Denote by $\mathcal P(S)$ the semigroup obtained by endowing the non-empty subsets of a "ground semigroup" $S$ (written multiplicatively) with the operation of setwise multiplication induced by $S$: $$ (X, Y) \mapsto XY := \{xy \colon x \in X, \, y \in Y\}. $$ In the literature, $\mathcal P(S)$ is called the power semigroup (or global) of $S$. Two semigroups are then called globally isomorphic if their power semigroups are isomorphic.
It is easy to show that two groups $G$ and $G'$ are globally isomorphic iff they are semigroup-isomorphic (and hence group-isomorphic).
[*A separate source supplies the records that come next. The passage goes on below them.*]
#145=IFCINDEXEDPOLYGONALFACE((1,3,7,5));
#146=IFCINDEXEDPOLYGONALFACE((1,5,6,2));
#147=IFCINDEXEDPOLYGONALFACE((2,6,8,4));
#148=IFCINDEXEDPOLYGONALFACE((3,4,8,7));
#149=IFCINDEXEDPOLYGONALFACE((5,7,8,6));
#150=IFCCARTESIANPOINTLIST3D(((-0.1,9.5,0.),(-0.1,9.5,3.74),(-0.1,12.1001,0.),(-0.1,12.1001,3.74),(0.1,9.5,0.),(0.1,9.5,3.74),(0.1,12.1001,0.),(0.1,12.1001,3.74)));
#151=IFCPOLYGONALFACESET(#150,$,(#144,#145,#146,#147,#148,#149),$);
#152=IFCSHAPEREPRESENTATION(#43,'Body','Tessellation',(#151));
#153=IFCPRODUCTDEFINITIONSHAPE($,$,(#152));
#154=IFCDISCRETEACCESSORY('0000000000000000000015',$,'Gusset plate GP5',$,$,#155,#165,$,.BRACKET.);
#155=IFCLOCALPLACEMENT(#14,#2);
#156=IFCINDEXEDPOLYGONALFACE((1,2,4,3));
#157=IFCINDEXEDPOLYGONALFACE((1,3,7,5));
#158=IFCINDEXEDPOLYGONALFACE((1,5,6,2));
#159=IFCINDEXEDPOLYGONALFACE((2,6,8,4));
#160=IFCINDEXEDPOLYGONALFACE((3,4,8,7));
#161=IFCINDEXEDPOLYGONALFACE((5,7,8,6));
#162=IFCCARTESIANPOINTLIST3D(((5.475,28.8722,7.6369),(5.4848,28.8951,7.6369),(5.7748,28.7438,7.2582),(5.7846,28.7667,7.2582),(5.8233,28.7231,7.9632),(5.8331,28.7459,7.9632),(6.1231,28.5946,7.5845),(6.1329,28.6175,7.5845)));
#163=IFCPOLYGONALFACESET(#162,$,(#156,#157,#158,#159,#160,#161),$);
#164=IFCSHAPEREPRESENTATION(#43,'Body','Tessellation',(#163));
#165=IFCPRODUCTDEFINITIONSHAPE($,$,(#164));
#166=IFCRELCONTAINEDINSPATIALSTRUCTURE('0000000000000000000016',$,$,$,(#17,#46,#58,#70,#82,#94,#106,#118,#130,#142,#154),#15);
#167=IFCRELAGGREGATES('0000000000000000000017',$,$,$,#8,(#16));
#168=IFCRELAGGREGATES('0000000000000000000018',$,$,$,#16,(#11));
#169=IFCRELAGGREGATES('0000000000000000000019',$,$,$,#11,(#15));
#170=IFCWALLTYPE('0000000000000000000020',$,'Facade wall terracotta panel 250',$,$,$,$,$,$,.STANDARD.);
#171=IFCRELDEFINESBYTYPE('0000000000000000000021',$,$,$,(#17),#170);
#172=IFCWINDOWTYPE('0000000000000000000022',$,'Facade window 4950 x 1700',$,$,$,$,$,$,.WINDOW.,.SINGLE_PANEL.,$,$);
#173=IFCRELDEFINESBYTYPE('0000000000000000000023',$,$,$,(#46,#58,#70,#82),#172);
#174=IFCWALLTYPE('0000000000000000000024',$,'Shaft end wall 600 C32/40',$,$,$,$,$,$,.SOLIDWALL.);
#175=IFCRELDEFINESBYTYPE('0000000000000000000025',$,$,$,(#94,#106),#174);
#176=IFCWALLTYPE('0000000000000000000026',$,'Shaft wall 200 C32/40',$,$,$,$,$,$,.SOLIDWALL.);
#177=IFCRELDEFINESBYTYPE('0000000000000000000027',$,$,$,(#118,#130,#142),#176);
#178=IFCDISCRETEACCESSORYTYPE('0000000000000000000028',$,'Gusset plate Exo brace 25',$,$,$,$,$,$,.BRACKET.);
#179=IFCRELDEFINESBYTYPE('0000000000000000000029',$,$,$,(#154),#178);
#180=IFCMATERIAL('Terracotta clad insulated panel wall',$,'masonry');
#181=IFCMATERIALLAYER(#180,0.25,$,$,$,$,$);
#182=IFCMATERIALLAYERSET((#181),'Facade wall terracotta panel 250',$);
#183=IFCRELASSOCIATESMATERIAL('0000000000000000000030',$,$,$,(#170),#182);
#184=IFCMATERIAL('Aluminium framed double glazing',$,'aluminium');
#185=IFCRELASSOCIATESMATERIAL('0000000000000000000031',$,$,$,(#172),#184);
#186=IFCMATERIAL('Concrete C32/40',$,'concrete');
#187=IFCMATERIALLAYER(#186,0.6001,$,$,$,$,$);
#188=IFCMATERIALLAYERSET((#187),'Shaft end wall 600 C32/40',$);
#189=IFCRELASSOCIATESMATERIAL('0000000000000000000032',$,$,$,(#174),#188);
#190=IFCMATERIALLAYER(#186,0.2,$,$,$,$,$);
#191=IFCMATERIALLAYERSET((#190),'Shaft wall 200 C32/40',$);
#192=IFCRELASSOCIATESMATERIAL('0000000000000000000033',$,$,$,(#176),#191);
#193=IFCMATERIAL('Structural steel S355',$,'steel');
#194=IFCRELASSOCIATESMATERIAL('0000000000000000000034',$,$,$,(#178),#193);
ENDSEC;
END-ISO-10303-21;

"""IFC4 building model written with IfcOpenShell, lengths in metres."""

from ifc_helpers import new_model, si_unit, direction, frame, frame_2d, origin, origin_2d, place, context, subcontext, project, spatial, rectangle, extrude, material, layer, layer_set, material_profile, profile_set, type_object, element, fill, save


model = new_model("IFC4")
In fact, something stronger is true: Every semigroup isomorphism from $\mathcal P(G)$ to $\mathcal P(G')$ restricts (with a little abuse of language) to a group isomorphism from $G$ to $G'$. The basic point h is that
- the group of units of the power semigroup of a monoid $M$ is isomorphic to the group of units of $M$, and
- every semigroup isomorphism from a monoid to another is, a fortiori, a monoid isomorphism (that is, maps the identity to the identity).
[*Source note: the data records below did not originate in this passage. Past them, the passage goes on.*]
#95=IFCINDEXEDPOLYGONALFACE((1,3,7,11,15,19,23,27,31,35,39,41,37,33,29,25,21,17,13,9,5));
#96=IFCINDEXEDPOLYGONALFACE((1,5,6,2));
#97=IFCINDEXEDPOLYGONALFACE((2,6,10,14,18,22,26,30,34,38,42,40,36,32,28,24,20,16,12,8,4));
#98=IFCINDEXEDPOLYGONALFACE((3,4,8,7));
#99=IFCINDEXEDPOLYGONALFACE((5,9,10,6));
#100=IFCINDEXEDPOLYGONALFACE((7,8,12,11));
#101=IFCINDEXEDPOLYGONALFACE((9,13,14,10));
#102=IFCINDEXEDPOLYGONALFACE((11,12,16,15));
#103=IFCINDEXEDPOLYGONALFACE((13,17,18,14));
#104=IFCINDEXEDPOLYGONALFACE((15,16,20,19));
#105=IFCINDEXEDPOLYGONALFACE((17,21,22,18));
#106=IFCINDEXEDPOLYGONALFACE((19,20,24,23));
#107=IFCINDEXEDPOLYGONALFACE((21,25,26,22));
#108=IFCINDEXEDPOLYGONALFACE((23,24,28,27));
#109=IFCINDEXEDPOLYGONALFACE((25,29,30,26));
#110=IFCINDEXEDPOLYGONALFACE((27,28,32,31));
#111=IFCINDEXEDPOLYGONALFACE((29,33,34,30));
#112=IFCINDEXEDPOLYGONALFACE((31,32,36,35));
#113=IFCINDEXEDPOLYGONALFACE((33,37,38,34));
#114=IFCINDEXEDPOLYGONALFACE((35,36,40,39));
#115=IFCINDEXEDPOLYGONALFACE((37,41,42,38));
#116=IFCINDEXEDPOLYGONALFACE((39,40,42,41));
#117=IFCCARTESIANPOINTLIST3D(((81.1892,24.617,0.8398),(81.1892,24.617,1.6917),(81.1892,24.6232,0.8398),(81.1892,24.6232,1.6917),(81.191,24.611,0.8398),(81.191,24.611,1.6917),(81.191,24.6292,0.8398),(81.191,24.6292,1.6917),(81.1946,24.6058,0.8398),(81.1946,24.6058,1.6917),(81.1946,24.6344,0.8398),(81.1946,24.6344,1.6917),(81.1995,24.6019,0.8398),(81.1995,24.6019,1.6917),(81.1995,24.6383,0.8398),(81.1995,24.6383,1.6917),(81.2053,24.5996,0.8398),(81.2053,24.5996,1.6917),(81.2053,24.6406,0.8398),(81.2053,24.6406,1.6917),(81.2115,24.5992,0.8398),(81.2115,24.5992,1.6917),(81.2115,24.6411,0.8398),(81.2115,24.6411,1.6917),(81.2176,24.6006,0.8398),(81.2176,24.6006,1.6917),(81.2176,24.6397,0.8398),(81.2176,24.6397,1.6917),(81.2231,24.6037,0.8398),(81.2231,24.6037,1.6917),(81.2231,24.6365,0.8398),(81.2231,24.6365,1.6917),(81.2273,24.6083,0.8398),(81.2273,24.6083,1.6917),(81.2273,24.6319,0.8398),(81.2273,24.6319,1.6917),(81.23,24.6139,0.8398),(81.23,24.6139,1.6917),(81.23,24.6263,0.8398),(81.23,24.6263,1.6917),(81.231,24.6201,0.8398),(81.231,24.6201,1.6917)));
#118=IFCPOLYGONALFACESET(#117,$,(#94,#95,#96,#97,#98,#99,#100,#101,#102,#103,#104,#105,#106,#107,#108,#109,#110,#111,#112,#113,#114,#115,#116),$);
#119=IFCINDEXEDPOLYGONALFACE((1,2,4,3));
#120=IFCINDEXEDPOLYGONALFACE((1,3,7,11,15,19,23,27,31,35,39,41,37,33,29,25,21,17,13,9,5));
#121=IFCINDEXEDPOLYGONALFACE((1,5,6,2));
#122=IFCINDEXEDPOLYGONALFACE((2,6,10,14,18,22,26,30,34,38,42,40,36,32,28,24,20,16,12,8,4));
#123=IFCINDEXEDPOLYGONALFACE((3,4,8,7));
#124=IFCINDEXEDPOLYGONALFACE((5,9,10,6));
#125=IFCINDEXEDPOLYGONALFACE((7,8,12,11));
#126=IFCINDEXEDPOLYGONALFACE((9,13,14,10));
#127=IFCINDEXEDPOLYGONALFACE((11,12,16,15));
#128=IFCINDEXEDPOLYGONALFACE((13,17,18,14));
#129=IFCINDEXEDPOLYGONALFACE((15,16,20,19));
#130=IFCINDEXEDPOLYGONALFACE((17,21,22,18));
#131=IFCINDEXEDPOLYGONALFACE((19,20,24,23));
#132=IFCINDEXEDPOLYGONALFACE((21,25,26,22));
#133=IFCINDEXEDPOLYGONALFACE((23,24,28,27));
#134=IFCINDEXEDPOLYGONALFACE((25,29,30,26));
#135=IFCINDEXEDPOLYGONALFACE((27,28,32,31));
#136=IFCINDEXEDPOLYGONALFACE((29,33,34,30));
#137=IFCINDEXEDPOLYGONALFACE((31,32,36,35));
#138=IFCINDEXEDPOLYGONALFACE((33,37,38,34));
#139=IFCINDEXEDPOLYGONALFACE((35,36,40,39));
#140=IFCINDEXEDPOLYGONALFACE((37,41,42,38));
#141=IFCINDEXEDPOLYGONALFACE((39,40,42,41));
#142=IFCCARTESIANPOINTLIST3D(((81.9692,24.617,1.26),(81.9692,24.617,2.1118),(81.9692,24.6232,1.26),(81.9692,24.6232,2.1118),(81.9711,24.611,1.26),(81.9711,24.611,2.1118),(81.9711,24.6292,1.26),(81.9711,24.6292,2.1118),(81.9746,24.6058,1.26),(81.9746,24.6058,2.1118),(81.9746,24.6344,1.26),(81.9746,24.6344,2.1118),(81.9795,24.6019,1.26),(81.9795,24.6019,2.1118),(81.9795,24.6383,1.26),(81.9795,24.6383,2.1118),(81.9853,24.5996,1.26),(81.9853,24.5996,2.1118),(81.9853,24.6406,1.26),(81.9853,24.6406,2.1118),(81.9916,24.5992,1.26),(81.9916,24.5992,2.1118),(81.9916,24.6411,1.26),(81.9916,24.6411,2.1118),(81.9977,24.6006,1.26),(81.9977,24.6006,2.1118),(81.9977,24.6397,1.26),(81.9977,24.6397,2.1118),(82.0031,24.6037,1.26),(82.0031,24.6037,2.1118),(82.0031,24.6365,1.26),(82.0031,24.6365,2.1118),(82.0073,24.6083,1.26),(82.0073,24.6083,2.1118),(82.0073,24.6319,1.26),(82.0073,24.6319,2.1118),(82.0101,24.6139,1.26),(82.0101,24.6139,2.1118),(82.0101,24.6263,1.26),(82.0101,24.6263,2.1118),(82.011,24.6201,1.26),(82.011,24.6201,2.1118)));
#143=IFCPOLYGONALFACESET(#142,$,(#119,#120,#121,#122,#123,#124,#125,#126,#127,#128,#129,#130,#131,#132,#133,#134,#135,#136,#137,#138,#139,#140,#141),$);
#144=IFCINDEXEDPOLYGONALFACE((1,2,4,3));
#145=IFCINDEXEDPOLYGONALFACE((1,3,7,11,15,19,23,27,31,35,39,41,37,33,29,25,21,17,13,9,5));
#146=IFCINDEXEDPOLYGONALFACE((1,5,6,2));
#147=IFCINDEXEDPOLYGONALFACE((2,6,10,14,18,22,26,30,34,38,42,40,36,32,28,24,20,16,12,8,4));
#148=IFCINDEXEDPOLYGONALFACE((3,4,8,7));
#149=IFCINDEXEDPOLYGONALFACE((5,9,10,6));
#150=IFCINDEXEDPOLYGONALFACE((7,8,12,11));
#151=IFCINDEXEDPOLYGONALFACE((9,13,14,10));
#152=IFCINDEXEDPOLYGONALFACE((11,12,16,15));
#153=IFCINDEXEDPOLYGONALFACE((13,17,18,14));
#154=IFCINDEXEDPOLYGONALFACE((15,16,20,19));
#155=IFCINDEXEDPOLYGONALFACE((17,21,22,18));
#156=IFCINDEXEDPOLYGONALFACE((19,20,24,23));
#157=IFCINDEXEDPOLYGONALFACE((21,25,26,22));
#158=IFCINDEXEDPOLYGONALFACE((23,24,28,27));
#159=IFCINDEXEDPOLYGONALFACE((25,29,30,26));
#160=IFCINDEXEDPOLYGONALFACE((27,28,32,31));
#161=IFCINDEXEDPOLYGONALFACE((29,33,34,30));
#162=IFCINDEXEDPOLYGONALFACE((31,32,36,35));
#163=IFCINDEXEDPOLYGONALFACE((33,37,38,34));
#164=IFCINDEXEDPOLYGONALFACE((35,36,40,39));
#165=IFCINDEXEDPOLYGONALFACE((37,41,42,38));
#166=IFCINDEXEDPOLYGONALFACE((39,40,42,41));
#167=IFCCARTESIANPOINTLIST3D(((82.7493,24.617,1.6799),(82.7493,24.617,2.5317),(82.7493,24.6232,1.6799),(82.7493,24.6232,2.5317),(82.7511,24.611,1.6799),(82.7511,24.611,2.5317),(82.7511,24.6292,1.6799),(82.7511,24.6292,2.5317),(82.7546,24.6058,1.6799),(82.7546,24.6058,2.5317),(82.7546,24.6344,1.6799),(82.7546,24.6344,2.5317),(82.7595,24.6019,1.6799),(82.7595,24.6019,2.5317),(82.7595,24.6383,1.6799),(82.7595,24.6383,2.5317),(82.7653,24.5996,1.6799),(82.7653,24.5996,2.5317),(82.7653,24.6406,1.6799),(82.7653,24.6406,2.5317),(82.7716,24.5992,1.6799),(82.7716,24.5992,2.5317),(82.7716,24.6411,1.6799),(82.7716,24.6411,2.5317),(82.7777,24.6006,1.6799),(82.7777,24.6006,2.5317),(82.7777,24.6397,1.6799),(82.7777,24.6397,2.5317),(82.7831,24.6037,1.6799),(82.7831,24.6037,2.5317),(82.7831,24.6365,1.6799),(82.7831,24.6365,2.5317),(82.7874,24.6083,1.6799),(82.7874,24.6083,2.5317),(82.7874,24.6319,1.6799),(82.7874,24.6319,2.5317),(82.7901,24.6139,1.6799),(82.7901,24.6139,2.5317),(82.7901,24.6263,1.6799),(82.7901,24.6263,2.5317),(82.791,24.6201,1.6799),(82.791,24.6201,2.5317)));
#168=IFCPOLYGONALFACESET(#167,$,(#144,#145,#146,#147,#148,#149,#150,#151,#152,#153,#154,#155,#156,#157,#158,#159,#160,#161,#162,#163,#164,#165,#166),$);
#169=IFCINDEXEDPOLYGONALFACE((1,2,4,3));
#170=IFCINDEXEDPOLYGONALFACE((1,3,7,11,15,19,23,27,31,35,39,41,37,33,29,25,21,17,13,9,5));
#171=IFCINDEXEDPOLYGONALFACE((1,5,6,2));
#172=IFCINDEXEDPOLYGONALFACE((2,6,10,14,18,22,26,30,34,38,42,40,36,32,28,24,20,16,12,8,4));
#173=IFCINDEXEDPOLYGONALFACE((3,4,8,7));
In the introduction of [Globally determined classes of semigroups, Semigroup Forum 29 (1984) 365-374], Gould, Iskra, and Tsinakis write, "In 1967-68 Tamura and Shafer noted that the class of all groups [16] is globally determined". Here, [16] is Tamura and Shafer's [Power semigroups, Math. Japon. 12 (1967), 25-32]. I've tried to get my hands on this paper of Tamura and Shafer, but to no avail. So, I don't know exactly what they prove inside it. But it seems from McAlister's zbMath review of the same article that Tamura and Shafer only deal with the case of finite groups. This leads me to the following:
Question. What do Tamura and Shafer really prove in their paper?